Mine seats 4 (At the moment, 2.. because I have the rear seat out). 

On road, I couldn't roll it if I tried.. it won't let me with the ESP engaged. 

I go out in 20-30cm's of snow to play. 

I'm co-founder of a local jeep club and follow tread lightly principles. (Our club is in the process of joining Tread Lightly as either a partner club, or member club.)

I'd take my Jeep over any vehicle on the road. Anyday, Anytime.
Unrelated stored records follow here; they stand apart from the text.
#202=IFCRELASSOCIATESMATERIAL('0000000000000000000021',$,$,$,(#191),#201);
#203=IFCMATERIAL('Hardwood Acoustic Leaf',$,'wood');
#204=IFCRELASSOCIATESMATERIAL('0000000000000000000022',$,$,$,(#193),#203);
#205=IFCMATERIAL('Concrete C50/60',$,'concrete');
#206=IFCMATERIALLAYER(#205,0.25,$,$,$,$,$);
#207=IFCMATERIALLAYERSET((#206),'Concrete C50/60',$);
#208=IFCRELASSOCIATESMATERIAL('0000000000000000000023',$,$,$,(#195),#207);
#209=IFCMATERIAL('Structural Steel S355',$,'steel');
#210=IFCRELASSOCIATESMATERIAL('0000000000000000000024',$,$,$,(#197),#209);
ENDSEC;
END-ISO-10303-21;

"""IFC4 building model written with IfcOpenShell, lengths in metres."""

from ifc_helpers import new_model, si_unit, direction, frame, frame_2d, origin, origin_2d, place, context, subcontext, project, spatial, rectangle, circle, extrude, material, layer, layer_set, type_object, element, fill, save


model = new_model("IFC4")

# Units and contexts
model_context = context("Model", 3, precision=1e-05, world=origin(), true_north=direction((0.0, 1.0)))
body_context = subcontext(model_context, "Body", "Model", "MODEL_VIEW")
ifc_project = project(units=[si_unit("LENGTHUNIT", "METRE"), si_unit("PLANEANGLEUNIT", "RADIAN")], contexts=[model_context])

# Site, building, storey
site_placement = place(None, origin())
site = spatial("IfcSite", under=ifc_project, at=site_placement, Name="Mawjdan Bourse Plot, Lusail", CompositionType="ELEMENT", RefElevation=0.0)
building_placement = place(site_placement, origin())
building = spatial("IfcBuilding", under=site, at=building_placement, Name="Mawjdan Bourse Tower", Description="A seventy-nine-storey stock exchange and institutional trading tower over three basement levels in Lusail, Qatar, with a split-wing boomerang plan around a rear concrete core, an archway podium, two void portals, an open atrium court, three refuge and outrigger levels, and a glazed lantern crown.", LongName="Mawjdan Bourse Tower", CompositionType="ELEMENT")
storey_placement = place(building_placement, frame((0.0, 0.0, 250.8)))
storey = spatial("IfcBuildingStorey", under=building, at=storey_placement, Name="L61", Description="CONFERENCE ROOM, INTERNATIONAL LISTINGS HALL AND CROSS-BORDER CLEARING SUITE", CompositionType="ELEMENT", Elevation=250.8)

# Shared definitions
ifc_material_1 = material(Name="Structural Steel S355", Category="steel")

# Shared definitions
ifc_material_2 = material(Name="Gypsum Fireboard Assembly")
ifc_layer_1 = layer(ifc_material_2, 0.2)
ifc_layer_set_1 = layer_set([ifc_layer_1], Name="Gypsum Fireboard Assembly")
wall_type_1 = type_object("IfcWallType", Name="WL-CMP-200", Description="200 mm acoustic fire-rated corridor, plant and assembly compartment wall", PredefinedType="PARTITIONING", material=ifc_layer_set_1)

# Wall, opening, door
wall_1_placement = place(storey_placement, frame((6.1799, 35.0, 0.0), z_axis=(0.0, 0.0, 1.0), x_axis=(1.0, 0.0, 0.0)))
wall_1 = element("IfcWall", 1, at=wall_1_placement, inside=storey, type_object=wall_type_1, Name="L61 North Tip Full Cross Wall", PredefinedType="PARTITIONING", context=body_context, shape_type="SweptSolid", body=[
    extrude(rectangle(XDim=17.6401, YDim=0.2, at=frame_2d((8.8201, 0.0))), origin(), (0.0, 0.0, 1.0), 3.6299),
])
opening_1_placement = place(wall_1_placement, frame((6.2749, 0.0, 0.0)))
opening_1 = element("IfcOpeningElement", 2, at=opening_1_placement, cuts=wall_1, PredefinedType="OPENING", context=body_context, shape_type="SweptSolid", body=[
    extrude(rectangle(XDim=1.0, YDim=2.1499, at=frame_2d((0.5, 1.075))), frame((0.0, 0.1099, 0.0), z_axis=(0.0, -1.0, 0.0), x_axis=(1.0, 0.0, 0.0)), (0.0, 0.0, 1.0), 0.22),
It gets me from A-B, but it's an adventure every time I sit in it!


----------



## billwong (Jan 6, 2002)

Adrian. said:


> Hey Bill you don't live in North York do you? Say Anywhere between York Mills and Bayview and Eglington or perhaps near Yonge and Lawrence?
> 
> I swear everyone drives an HSE sport or an LR3!
> 
> ...


I actually live further north on Bayview. But I know what you mean. Land Rovers have become popular despite the concerns with the environment/gas prices - especially in the areas you described. Canadians love trucks/SUVs - they are certainly handy in heavy snowfall areas of the country (everywhere except Vancouver/Victoria). Just look down the street as you drive - half the vehicles are trucks/SUVs/vans.
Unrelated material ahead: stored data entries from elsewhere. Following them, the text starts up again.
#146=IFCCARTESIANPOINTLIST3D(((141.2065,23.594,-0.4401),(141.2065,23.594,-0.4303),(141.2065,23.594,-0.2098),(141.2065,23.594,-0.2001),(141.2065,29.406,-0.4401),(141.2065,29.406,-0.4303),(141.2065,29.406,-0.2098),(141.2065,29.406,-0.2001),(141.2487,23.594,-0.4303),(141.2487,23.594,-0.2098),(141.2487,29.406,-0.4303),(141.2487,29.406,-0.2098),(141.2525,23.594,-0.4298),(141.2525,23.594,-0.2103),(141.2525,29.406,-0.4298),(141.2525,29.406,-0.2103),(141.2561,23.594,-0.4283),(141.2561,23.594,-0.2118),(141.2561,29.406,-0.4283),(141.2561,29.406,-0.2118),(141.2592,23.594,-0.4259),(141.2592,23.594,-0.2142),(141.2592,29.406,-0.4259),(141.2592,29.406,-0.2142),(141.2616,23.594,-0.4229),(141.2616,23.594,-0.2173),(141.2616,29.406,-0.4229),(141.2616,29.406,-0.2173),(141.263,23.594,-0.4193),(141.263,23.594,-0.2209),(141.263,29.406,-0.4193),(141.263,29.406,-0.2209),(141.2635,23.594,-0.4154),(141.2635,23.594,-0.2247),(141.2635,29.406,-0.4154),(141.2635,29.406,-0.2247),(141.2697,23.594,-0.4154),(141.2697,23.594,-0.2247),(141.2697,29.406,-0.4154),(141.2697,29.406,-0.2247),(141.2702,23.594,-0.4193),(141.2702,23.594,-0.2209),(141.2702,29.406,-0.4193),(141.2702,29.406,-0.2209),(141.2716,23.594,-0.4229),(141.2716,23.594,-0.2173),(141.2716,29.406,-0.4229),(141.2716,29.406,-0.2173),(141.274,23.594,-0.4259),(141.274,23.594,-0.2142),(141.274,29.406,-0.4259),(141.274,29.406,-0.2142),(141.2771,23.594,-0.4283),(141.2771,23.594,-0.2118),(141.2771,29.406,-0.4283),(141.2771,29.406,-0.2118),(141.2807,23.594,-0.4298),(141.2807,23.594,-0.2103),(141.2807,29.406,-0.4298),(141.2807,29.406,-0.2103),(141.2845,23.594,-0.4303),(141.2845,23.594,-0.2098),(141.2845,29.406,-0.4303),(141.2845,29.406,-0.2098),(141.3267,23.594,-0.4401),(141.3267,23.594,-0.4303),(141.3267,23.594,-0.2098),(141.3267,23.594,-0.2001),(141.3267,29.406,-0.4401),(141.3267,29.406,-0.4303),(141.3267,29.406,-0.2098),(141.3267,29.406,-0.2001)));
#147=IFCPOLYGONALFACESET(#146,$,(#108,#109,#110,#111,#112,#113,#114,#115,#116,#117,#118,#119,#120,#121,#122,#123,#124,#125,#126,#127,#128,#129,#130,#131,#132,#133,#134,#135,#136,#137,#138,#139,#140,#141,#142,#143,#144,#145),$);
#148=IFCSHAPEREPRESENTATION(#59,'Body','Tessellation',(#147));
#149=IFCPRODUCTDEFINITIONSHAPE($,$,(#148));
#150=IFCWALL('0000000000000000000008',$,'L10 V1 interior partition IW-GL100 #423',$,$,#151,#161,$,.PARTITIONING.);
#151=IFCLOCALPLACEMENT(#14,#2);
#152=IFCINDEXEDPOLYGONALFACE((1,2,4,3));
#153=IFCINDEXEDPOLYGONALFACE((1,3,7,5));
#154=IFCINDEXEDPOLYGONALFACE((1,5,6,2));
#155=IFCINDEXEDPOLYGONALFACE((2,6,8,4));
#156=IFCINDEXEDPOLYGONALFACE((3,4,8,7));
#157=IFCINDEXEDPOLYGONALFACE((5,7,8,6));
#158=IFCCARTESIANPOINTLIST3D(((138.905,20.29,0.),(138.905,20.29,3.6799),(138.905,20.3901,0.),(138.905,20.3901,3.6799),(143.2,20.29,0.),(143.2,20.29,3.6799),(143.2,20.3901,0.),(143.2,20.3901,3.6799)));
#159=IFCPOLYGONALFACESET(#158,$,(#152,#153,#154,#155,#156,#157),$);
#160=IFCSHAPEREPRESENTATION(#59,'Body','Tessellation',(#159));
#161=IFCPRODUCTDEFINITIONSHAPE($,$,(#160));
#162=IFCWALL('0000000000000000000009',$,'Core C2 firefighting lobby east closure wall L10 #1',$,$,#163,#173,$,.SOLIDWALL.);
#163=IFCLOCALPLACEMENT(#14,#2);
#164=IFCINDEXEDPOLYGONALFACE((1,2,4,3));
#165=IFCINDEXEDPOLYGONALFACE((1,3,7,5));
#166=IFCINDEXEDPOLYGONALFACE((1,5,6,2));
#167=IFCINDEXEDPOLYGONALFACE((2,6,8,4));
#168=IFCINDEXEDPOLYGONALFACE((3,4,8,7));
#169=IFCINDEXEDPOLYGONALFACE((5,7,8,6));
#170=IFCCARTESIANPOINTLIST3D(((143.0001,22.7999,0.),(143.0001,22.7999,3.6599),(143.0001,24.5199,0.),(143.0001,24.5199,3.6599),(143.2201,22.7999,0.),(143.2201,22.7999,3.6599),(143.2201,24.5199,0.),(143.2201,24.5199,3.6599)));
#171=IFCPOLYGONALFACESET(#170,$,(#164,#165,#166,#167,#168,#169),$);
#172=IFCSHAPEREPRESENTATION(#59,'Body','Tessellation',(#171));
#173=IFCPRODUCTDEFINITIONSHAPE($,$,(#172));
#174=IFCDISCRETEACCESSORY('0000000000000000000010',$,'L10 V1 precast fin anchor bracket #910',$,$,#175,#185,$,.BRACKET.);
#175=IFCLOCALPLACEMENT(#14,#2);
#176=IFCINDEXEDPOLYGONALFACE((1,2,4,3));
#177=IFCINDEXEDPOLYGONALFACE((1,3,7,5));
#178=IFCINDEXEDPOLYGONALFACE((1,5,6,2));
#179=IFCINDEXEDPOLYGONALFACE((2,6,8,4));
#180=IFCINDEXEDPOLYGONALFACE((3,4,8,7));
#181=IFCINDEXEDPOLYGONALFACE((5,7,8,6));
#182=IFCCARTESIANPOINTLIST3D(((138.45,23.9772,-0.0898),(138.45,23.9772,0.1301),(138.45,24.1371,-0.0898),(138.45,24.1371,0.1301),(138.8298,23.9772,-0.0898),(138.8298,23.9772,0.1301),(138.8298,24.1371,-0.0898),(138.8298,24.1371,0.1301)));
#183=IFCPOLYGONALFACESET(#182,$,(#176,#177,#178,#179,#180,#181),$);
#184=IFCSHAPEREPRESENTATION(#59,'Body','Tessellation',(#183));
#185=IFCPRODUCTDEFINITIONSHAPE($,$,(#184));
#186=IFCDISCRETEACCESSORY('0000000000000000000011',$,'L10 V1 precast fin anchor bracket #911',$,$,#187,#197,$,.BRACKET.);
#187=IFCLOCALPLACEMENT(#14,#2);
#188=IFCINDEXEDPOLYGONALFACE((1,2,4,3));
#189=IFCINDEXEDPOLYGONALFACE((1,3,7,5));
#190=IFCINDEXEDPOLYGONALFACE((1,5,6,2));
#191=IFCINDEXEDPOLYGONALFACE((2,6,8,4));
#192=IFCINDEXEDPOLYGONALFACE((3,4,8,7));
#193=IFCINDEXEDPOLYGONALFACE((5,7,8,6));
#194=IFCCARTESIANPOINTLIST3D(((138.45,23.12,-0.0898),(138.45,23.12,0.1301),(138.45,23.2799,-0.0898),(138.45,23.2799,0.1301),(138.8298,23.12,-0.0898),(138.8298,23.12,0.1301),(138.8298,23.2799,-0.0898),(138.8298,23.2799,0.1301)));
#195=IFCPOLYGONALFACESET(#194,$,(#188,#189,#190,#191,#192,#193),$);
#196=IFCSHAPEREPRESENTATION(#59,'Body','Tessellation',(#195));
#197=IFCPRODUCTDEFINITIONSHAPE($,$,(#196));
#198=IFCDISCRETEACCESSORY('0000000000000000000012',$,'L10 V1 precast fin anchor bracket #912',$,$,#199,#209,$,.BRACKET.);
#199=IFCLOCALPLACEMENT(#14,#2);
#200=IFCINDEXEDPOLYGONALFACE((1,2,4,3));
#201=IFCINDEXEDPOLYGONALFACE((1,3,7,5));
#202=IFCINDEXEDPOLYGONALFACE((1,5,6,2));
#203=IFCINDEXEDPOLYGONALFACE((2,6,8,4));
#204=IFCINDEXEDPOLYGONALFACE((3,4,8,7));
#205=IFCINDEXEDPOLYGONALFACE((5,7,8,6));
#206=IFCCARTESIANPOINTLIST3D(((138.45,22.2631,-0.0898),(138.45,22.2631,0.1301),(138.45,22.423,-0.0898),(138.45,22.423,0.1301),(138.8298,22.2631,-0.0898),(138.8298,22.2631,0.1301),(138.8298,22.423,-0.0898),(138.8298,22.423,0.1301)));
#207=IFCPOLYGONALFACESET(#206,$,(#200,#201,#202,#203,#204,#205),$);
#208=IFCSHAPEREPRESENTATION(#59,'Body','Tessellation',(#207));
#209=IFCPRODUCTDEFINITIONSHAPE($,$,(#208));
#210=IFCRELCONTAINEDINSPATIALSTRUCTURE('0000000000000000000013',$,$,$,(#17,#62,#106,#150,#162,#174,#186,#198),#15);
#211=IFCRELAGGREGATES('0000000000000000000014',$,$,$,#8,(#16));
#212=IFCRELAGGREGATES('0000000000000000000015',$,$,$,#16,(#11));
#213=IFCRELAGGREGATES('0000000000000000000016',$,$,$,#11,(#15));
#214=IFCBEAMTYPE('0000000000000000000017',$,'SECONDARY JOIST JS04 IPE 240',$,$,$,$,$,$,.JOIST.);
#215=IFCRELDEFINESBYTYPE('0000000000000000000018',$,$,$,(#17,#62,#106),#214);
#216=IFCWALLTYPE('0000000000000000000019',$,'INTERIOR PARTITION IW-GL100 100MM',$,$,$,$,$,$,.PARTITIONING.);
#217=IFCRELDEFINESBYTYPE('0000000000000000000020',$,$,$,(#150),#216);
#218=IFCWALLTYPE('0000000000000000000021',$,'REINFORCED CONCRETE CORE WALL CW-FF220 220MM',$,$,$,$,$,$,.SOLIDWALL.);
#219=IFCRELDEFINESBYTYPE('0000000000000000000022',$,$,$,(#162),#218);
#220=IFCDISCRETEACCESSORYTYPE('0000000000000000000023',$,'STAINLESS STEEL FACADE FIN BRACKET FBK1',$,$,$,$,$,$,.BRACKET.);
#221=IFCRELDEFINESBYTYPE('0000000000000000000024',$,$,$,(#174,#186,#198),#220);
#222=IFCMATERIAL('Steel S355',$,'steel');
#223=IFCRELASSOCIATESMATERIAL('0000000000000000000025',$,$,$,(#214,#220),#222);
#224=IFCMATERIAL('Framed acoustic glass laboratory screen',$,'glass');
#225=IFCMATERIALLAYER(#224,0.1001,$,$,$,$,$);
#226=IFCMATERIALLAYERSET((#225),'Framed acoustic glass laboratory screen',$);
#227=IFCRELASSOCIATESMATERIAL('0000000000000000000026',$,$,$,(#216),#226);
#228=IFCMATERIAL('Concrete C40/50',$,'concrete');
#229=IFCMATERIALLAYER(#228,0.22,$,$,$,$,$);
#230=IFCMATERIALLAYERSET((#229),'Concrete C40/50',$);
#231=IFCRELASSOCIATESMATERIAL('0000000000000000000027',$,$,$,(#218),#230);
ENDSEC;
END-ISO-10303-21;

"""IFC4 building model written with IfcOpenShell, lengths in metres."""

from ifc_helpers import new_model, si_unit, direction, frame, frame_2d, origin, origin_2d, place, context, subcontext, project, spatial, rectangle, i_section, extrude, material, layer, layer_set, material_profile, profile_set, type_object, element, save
I chose a Land Rover for it's extreme versatility and to be different. Just as I used to drive SAABs, just to be different (I really liked my old porpoise-shaped 900 Turbo). Torontonians seem to love BMW X5s. The Range Rover Sport competes with the X5 and Cayenne and you can really take it off-road. The BMW and Porsche are faster (depending on the variant) but going that fast in a vehicle that weighs almost 3 tons is a bit scary.


----------



## Suite Edit (Dec 17, 2003)

Adrian. said:


> I may be out my place to call you ignorant, and I qualified that. Nonetheless, being completely ignorant of the current state of the environment by being so careless, is indeed ignorant.


Very true... but you drive a real gas guzzler yourself. That's the pot calling the kettle black... Until I can "put up" by affording to buy a (plugin?) Prius, I'm choosing to "shut up" about that.

So, until I have enough money saved to invest in a hybrid, I'm buying carbon offsets for my gas guzzler (which I only purchased because of an AMAZING deal, and wanted the _ultimate driving experience_ for a little while ).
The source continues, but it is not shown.